I would recommend you to use a Compute Engine Instance, since GAE has the 32MB limit on the responses size. I found this post, where the user checks if there are new files available, and if there is some file, he upload directly to GCS.

In order to do it, and as specified in the documentation, you should create an instance in GCE,and install and configure the client library for the language that you are going to use (as you mentioned in your post that you were using PHP, all the links will be refering this language, but keep in mind that you can choose also other language as C++, Java, Python...).

You can find here an example in PHP about how to upload an object to GCS:

function upload_object($bucketName, $objectName, $source)
{
    $storage = new StorageClient();
    $file = fopen($source, 'r');
    $bucket = $storage->bucket($bucketName);
    $object = $bucket->upload($file, [
        'name' => $objectName
    ]);
    printf('Uploaded %s to gs://%s/%s' . PHP_EOL, basename($source), $bucketName, $objectName);
}

You can also find other samples in the Github repository from Google Cloud Platform.

Hope this helps!

ericcco
  • 741
  • 3
  • 15
  • 1
    thank you!
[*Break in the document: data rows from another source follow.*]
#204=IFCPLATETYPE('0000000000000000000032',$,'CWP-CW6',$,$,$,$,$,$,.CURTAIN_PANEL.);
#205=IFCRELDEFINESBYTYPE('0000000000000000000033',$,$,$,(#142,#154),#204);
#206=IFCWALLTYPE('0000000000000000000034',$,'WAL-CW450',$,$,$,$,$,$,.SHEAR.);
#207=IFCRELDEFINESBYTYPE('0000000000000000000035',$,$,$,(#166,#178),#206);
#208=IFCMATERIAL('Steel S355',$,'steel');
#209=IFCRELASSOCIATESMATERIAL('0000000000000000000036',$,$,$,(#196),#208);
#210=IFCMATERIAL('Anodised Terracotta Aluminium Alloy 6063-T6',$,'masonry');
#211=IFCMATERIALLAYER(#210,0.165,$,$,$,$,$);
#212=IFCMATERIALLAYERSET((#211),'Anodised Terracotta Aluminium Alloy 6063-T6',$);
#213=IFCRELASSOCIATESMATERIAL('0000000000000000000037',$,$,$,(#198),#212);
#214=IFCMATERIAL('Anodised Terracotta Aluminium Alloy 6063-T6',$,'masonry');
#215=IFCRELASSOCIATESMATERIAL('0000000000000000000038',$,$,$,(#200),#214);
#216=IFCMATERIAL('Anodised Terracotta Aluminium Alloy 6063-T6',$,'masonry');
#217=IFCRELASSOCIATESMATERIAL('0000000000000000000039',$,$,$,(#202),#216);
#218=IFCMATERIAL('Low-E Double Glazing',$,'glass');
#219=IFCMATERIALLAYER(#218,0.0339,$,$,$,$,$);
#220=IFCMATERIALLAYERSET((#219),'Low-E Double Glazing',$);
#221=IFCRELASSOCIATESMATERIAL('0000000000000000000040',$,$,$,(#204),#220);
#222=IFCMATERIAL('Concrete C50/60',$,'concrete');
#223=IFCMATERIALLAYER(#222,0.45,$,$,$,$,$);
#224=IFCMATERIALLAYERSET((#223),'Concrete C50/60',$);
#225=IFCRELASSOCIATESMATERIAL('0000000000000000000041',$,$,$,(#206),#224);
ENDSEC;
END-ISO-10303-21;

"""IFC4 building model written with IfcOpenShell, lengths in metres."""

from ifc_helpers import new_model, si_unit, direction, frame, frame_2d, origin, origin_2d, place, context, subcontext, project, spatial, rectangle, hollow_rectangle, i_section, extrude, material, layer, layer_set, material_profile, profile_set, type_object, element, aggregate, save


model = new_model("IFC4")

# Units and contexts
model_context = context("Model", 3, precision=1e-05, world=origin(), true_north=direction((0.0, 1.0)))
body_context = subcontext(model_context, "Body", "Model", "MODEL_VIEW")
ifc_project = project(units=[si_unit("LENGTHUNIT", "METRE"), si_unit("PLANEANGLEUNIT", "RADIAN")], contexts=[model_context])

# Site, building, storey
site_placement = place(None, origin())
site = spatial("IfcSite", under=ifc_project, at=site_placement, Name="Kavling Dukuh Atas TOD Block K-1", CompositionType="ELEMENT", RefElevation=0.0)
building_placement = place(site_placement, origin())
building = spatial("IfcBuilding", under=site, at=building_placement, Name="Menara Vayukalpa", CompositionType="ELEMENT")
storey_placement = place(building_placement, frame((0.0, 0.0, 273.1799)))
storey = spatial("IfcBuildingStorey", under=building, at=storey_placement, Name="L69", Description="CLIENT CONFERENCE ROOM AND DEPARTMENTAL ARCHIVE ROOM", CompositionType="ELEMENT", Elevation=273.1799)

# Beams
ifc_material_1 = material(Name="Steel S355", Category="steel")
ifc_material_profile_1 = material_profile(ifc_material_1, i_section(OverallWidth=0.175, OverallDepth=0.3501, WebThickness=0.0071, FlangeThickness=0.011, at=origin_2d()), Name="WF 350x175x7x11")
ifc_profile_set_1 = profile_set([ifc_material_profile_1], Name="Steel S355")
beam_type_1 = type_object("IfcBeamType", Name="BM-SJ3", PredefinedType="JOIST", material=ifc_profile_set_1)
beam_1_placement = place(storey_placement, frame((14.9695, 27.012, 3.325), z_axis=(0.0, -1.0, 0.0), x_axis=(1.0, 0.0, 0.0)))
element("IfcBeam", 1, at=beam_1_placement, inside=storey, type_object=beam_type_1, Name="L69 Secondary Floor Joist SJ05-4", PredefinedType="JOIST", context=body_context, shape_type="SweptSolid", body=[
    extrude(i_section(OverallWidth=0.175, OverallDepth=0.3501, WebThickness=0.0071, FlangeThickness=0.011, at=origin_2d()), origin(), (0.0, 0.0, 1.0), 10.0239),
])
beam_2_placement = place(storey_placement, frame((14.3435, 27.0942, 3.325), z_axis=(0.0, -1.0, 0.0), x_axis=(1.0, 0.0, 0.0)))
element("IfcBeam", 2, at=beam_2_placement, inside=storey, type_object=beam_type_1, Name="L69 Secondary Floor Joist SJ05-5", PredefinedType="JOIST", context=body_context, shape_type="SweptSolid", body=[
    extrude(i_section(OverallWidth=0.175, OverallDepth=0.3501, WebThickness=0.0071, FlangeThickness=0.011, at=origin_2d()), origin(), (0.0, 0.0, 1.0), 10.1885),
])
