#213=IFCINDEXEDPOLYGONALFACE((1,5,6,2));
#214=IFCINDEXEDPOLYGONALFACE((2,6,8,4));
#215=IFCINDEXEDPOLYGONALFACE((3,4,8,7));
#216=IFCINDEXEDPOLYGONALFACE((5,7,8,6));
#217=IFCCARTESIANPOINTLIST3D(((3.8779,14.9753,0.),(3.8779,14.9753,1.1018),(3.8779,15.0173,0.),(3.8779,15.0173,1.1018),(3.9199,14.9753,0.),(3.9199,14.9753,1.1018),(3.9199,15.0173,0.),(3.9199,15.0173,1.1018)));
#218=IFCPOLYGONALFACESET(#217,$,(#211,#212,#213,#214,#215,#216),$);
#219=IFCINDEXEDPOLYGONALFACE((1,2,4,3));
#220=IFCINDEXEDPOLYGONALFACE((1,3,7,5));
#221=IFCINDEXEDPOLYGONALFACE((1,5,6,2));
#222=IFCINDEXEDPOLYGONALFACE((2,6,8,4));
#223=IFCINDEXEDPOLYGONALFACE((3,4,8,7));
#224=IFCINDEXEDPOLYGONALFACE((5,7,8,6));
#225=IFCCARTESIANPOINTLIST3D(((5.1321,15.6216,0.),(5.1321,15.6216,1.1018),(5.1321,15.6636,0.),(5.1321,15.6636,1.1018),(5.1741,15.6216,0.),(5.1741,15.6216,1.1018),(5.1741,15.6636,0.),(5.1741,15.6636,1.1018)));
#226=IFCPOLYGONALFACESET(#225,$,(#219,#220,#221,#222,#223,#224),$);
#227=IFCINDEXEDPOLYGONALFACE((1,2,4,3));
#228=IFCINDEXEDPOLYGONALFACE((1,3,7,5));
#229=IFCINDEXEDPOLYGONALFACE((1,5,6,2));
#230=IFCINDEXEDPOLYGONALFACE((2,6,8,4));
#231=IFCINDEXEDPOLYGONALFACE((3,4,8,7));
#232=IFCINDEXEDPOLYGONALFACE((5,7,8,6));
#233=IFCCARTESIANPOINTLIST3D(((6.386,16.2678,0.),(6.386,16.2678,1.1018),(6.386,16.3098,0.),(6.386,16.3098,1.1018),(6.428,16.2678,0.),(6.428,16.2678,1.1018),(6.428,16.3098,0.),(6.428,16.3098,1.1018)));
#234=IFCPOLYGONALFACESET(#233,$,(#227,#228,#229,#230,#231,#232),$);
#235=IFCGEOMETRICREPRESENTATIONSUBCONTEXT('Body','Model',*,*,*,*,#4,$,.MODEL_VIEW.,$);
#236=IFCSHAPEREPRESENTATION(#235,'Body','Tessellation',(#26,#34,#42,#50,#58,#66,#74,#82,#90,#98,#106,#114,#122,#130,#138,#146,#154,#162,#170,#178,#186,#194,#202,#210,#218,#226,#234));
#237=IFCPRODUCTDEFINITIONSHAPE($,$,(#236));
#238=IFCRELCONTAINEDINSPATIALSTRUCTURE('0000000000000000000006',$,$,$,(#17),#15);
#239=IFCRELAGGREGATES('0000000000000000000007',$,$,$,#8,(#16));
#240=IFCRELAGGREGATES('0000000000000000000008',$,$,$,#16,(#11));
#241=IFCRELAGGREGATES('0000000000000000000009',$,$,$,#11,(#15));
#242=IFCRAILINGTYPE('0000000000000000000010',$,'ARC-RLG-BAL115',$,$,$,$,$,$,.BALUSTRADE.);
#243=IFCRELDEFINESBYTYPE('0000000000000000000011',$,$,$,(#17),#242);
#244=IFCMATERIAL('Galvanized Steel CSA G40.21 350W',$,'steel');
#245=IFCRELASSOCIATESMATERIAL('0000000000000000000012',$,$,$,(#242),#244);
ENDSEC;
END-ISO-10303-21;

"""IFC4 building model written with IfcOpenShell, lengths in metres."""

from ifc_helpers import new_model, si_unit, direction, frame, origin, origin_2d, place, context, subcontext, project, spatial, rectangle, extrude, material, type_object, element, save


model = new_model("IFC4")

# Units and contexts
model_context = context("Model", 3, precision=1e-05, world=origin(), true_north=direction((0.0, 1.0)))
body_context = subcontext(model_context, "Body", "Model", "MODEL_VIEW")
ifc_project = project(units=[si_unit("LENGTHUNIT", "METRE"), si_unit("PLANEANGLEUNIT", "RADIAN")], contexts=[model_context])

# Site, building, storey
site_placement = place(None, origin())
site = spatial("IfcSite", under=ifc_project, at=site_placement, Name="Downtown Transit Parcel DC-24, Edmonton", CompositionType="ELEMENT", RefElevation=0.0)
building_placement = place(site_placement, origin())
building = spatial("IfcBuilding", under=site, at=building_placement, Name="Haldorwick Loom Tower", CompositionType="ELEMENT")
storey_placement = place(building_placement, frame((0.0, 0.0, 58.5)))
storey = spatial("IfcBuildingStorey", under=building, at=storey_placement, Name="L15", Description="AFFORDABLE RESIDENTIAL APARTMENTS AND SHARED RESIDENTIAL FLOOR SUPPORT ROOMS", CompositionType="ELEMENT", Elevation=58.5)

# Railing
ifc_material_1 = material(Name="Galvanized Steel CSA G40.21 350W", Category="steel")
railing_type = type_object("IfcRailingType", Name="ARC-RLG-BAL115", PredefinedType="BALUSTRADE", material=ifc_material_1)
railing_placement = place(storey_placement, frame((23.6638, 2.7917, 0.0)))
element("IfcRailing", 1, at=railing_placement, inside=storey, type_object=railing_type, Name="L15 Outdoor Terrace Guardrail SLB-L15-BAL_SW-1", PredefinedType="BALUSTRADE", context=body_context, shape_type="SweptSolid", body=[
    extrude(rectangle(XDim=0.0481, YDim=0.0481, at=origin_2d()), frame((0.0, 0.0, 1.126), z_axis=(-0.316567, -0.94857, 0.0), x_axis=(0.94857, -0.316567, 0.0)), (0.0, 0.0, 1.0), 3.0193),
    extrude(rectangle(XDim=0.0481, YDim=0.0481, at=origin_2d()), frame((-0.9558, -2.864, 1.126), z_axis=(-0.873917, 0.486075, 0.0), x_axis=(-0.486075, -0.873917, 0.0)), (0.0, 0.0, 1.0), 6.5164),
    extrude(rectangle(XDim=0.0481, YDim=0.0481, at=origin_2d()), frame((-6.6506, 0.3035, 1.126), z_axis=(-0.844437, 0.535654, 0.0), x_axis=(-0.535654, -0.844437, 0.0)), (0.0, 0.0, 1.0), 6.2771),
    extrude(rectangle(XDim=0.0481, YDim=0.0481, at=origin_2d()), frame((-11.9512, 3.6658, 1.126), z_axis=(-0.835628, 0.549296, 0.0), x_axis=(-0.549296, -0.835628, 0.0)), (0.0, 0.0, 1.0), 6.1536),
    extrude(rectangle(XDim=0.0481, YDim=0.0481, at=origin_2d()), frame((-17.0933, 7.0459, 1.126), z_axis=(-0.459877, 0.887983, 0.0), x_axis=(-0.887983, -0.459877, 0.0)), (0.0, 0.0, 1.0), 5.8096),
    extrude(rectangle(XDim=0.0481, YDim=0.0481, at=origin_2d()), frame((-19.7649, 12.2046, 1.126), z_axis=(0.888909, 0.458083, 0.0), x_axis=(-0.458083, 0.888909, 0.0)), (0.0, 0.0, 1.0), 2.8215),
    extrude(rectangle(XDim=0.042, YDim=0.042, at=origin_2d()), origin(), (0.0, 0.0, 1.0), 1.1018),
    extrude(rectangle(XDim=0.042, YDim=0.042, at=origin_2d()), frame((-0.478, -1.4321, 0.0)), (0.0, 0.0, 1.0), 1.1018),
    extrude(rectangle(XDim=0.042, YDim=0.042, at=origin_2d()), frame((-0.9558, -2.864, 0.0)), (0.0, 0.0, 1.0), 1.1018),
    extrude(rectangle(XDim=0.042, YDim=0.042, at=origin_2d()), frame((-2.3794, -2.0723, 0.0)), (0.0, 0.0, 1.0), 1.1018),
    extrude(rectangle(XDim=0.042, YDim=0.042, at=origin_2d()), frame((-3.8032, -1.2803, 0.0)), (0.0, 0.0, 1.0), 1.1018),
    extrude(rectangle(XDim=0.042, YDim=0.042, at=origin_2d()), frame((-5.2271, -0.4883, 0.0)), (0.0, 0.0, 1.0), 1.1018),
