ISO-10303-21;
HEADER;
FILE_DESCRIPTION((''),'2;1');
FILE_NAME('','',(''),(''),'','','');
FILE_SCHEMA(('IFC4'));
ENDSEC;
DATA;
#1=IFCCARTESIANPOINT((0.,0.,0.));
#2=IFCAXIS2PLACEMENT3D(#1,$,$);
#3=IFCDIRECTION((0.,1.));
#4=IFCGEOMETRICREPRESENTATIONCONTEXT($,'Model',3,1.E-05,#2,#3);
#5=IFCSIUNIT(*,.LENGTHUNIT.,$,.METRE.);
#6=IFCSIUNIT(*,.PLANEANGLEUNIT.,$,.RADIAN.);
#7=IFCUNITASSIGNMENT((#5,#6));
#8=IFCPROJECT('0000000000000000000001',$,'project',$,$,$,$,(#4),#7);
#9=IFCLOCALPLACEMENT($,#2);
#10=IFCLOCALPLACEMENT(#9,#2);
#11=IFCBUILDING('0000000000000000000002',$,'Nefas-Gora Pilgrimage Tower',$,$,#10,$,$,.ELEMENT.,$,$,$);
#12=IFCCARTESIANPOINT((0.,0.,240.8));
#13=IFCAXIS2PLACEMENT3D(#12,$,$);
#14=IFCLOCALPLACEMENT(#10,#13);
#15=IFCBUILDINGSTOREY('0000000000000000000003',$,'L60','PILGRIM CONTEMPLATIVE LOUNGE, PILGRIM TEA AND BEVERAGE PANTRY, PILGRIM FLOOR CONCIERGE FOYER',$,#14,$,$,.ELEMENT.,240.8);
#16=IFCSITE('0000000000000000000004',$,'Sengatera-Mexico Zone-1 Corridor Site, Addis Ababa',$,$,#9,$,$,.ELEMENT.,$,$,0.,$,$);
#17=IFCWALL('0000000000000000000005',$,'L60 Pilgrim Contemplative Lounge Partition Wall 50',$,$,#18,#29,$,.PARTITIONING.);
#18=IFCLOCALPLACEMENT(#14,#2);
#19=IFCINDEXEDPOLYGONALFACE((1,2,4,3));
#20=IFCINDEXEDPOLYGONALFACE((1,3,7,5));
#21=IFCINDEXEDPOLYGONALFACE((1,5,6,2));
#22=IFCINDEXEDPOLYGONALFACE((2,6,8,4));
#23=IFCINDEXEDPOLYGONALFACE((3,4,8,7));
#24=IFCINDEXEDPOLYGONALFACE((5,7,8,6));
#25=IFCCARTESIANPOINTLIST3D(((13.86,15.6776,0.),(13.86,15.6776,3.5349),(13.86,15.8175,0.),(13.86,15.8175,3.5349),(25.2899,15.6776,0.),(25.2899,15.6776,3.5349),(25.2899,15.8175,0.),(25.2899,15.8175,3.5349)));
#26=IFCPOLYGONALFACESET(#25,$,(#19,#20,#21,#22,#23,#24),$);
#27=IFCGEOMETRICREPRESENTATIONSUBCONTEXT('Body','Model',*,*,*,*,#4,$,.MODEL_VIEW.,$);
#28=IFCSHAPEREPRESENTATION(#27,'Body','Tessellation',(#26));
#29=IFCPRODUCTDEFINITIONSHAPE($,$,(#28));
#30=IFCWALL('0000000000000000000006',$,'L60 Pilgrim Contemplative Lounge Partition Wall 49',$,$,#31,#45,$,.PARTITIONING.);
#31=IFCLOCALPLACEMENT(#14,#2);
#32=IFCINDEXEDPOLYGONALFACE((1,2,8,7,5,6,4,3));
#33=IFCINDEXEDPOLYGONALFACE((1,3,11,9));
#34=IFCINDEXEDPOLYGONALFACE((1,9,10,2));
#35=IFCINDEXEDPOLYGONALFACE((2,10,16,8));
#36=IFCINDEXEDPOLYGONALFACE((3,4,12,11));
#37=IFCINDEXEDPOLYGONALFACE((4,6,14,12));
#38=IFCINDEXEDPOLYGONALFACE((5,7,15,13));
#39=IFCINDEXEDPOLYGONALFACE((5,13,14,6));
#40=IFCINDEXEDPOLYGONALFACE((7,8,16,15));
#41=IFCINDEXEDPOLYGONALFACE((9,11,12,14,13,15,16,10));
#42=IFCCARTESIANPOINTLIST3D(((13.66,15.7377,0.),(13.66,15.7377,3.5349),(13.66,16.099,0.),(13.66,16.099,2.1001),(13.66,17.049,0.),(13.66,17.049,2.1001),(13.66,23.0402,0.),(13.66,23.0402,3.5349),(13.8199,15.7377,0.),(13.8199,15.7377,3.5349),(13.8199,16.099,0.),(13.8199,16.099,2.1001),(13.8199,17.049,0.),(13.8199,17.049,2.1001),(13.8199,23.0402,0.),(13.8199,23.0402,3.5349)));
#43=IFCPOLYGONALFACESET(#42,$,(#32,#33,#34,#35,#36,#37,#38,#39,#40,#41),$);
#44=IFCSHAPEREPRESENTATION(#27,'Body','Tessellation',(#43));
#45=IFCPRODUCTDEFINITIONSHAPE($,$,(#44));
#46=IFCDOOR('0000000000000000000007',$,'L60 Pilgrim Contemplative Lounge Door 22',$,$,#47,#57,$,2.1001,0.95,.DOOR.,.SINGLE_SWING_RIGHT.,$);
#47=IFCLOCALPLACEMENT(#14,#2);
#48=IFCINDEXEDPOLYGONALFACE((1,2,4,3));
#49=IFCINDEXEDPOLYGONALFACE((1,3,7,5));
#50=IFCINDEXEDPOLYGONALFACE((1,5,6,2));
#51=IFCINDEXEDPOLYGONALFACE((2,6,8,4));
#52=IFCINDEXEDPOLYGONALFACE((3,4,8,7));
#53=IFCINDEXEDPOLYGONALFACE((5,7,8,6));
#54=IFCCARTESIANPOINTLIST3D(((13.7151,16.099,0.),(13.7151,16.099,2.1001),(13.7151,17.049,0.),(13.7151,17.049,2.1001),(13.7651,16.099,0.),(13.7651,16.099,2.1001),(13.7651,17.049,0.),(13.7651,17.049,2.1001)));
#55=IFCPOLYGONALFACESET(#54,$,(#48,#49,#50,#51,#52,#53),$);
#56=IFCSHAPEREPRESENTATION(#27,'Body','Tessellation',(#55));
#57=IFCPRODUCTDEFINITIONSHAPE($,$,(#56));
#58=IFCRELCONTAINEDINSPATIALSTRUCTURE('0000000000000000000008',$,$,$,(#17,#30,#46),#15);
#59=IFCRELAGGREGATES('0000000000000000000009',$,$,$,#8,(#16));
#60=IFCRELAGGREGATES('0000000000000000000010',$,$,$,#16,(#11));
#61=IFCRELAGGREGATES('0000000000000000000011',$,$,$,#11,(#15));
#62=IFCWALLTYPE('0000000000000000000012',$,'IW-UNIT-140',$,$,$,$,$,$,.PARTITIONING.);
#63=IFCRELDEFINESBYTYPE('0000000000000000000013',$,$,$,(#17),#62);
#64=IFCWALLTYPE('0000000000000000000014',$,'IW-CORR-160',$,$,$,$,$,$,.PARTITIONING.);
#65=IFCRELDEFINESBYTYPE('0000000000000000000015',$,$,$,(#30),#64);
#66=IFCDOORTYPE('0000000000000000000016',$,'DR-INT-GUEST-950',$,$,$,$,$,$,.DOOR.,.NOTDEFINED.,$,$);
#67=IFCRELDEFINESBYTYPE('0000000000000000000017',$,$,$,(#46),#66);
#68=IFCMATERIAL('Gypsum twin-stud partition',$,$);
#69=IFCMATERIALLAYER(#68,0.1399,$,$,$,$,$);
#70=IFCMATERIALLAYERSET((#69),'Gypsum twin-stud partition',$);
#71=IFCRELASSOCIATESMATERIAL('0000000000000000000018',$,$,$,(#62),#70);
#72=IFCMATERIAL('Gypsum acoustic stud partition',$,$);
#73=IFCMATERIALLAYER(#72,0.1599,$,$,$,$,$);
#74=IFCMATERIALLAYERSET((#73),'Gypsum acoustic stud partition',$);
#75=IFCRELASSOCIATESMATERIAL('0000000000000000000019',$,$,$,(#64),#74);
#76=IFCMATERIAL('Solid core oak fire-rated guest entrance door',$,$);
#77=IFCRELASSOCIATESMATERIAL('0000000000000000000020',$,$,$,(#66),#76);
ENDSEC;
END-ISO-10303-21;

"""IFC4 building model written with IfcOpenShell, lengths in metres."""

from ifc_helpers import new_model, si_unit, direction, frame, frame_2d, origin, place, context, subcontext, project, spatial, rectangle, extrude, source, transform, mapped, material, layer, layer_set, type_object, element, fill, save


model = new_model("IFC4")

# Units and contexts
model_context = context("Model", 3, precision=1e-05, world=origin(), true_north=direction((0.0, 1.0)))
body_context = subcontext(model_context, "Body", "Model", "MODEL_VIEW")
ifc_project = project(units=[si_unit("LENGTHUNIT", "METRE"), si_unit("PLANEANGLEUNIT", "RADIAN")], contexts=[model_context])

# Site, building, storey
site_placement = place(None, origin())
site = spatial("IfcSite", under=ifc_project, at=site_placement, Name="Sengatera-Mexico Zone-1 Corridor Site, Addis Ababa", CompositionType="ELEMENT", RefElevation=0.0)
building_placement = place(site_placement, origin())
building = spatial("IfcBuilding", under=site, at=building_placement, Name="Nefas-Gora Pilgrimage Tower", CompositionType="ELEMENT")
storey_placement = place(building_placement, frame((0.0, 0.0, 240.8)))
storey = spatial("IfcBuildingStorey", under=building, at=storey_placement, Name="L60", Description="PILGRIM CONTEMPLATIVE LOUNGE, PILGRIM TEA AND BEVERAGE PANTRY, PILGRIM FLOOR CONCIERGE FOYER", CompositionType="ELEMENT", Elevation=240.8)

# Wall
ifc_material_1 = material(Name="Gypsum twin-stud partition")
ifc_layer_1 = layer(ifc_material_1, 0.1399)
ifc_layer_set_1 = layer_set([ifc_layer_1], Name="Gypsum twin-stud partition")
wall_type_1 = type_object("IfcWallType", Name="IW-UNIT-140", PredefinedType="PARTITIONING", material=ifc_layer_set_1)
shared_shape_1 = source(origin(), body_context, "Body", "SweptSolid", [
    extrude(rectangle(XDim=11.4299, YDim=0.1399, at=frame_2d((5.7148, 0.0))), origin(), (0.0, 0.0, 1.0), 3.5349),
])
wall_1_placement = place(storey_placement, frame((13.8601, 15.7476, 0.0), z_axis=(0.0, 0.0, 1.0), x_axis=(1.0, 0.0, 0.0)))
element("IfcWall", 1, at=wall_1_placement, inside=storey, type_object=wall_type_1, Name="L60 Pilgrim Contemplative Lounge Partition Wall 50", PredefinedType="PARTITIONING", context=body_context, shape_type="MappedRepresentation", body=[
    mapped(shared_shape_1, transform((0.0, 0.0, 0.0), x_axis=(1.0, 0.0, 0.0), y_axis=(0.0, 1.0, 0.0), z_axis=(0.0, 0.0, 1.0), scale=1.0)),
])

# Wall, opening, door
ifc_material_2 = material(Name="Gypsum acoustic stud partition")
ifc_layer_2 = layer(ifc_material_2, 0.1599)
ifc_layer_set_2 = layer_set([ifc_layer_2], Name="Gypsum acoustic stud partition")
wall_type_2 = type_object("IfcWallType", Name="IW-CORR-160", PredefinedType="PARTITIONING", material=ifc_layer_set_2)
shared_shape_2 = source(origin(), body_context, "Body", "SweptSolid", [
    extrude(rectangle(XDim=7.3025, YDim=0.1599, at=frame_2d((3.6514, 0.0))), origin(), (0.0, 0.0, 1.0), 3.5349),
])
wall_2_placement = place(storey_placement, frame((13.74, 15.7375, 0.0), z_axis=(0.0, 0.0, 1.0), x_axis=(0.0, 1.0, 0.0)))
wall_2 = element("IfcWall", 2, at=wall_2_placement, inside=storey, type_object=wall_type_2, Name="L60 Pilgrim Contemplative Lounge Partition Wall 49", PredefinedType="PARTITIONING", context=body_context, shape_type="MappedRepresentation", body=[
    mapped(shared_shape_2, transform((0.0, 0.0, 0.0), x_axis=(1.0, 0.0, 0.0), y_axis=(0.0, 1.0, 0.0), z_axis=(0.0, 0.0, 1.0), scale=1.0)),
])
opening_1_placement = place(wall_2_placement, frame((0.3613, 0.0, 0.0)))
opening_1 = element("IfcOpeningElement", 3, at=opening_1_placement, cuts=wall_2, PredefinedType="OPENING", context=body_context, shape_type="SweptSolid", body=[
    extrude(rectangle(XDim=0.95, YDim=2.1001, at=frame_2d((0.4751, 1.05))), frame((0.0, 0.0898, 0.0), z_axis=(0.0, -1.0, 0.0), x_axis=(1.0, 0.0, 0.0)), (0.0, 0.0, 1.0), 0.1799),
])
ifc_material_3 = material(Name="Solid core oak fire-rated guest entrance door")
door_type = type_object("IfcDoorType", Name="DR-INT-GUEST-950", OperationType="NOTDEFINED", PredefinedType="DOOR", material=ifc_material_3)
shared_shape_3 = source(origin(), body_context, "Body", "SweptSolid", [
    extrude(rectangle(XDim=0.95, YDim=2.1001, at=frame_2d((0.4751, 1.05))), frame((0.0, 0.0249, 0.0), z_axis=(0.0, -1.0, 0.0), x_axis=(1.0, 0.0, 0.0)), (0.0, 0.0, 1.0), 0.05),
])
door_placement = place(opening_1_placement, origin())
door = element("IfcDoor", 4, at=door_placement, inside=storey, type_object=door_type, Name="L60 Pilgrim Contemplative Lounge Door 22", OperationType="SINGLE_SWING_RIGHT", OverallHeight=2.1001, OverallWidth=0.95, PredefinedType="DOOR", context=body_context, shape_type="MappedRepresentation", body=[
    mapped(shared_shape_3, transform((0.0, 0.0, 0.0), x_axis=(1.0, 0.0, 0.0), y_axis=(0.0, 1.0, 0.0), z_axis=(0.0, 0.0, 1.0), scale=1.0)),
])
fill(opening_1, door)

save(model, "model.ifc")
This is very interesting. Obviously, using a GCE VM to temporarily download files seems far less elegant and efficient than using the serverless GAE solution, but I will explore this and the other solutions described in [the post you referenced](https://stackoverflow.com/q/45061496/9666113) and let you know if I can successfully implement. I see another suggestion in the other post is to use Cloud Functions. However, am I interpreting [the limits correctly that a CF solution would fail for files >10MB](https://cloud.google.com/functions/quotas)? – J. Doe Oct 23 '19 at 19:38
  • 1
    There is yet another suggestion, to use the [Cloud Storage Transfer Service](https://cloud.google.com/storage-transfer/docs/reference/rest/v1/TransferSpec#httpdata), but that requires the file size and md5 checksum of the remote file. When I run `curl -I 'https://example.com/file.zip'` it does not provide the md5 hash information, so I think this option is off the table. Right? – J. Doe Oct 23 '19 at 19:38
  • Indeed, you would need MD5 hash of the object in order to use Cloud Storage Transfer Service. Let me know if my recommendation about using GCE instances worked fine for you! :) – ericcco Oct 24 '19 at 09:36
  • before I accept this answer, can you confirm that the Cloud Function alternative mentioned in the first comment above will fail for files greater than 10MB? – J. Doe Oct 25 '19 at 23:37
  • You can check [here](https://cloud.google.com/functions/quotas#resource_limits) that the limit size for the requests and responses in Cloud Functions is 10MB. – ericcco Oct 28 '19 at 09:05
  • Thanks, @eespinola. I appreciate the explanations. I will go with this solution if it looks as though AWS also has similar limits on serverless. I am not familiar with the AWS ecosystem, but [I have a post here](https://stackoverflow.com/q/58598052/9666113) to see if an AWS Lambda function is a better longer-term solution to my needs. – J. Doe Oct 28 '19 at 21:09
0

Use Google Storage Transfer Service (STS). It can be called from the Google Cloud SDK from your existing App Engine application, and will transfer the files directly from S3 to GCS without hitting any of yout App Engine limits. Based on your description, I believe it meets your requirements:

  • No data transfer limit
  • Minimal code changes
  • "Serverless" and simple to configure

STS has some additional benefits:

  • Zero runtime cost. That is, App Engine simply makes the STS API call to start the transfer job which is handled by STS, so you're not billed for the time GAE would normally use to download/upload the files itself.
  • You can go even more serverless by invoking STS from a Cloud Function trigged by Cloud Scheduler. I doubt you'd save much on costs, but it sure would be a neat setup.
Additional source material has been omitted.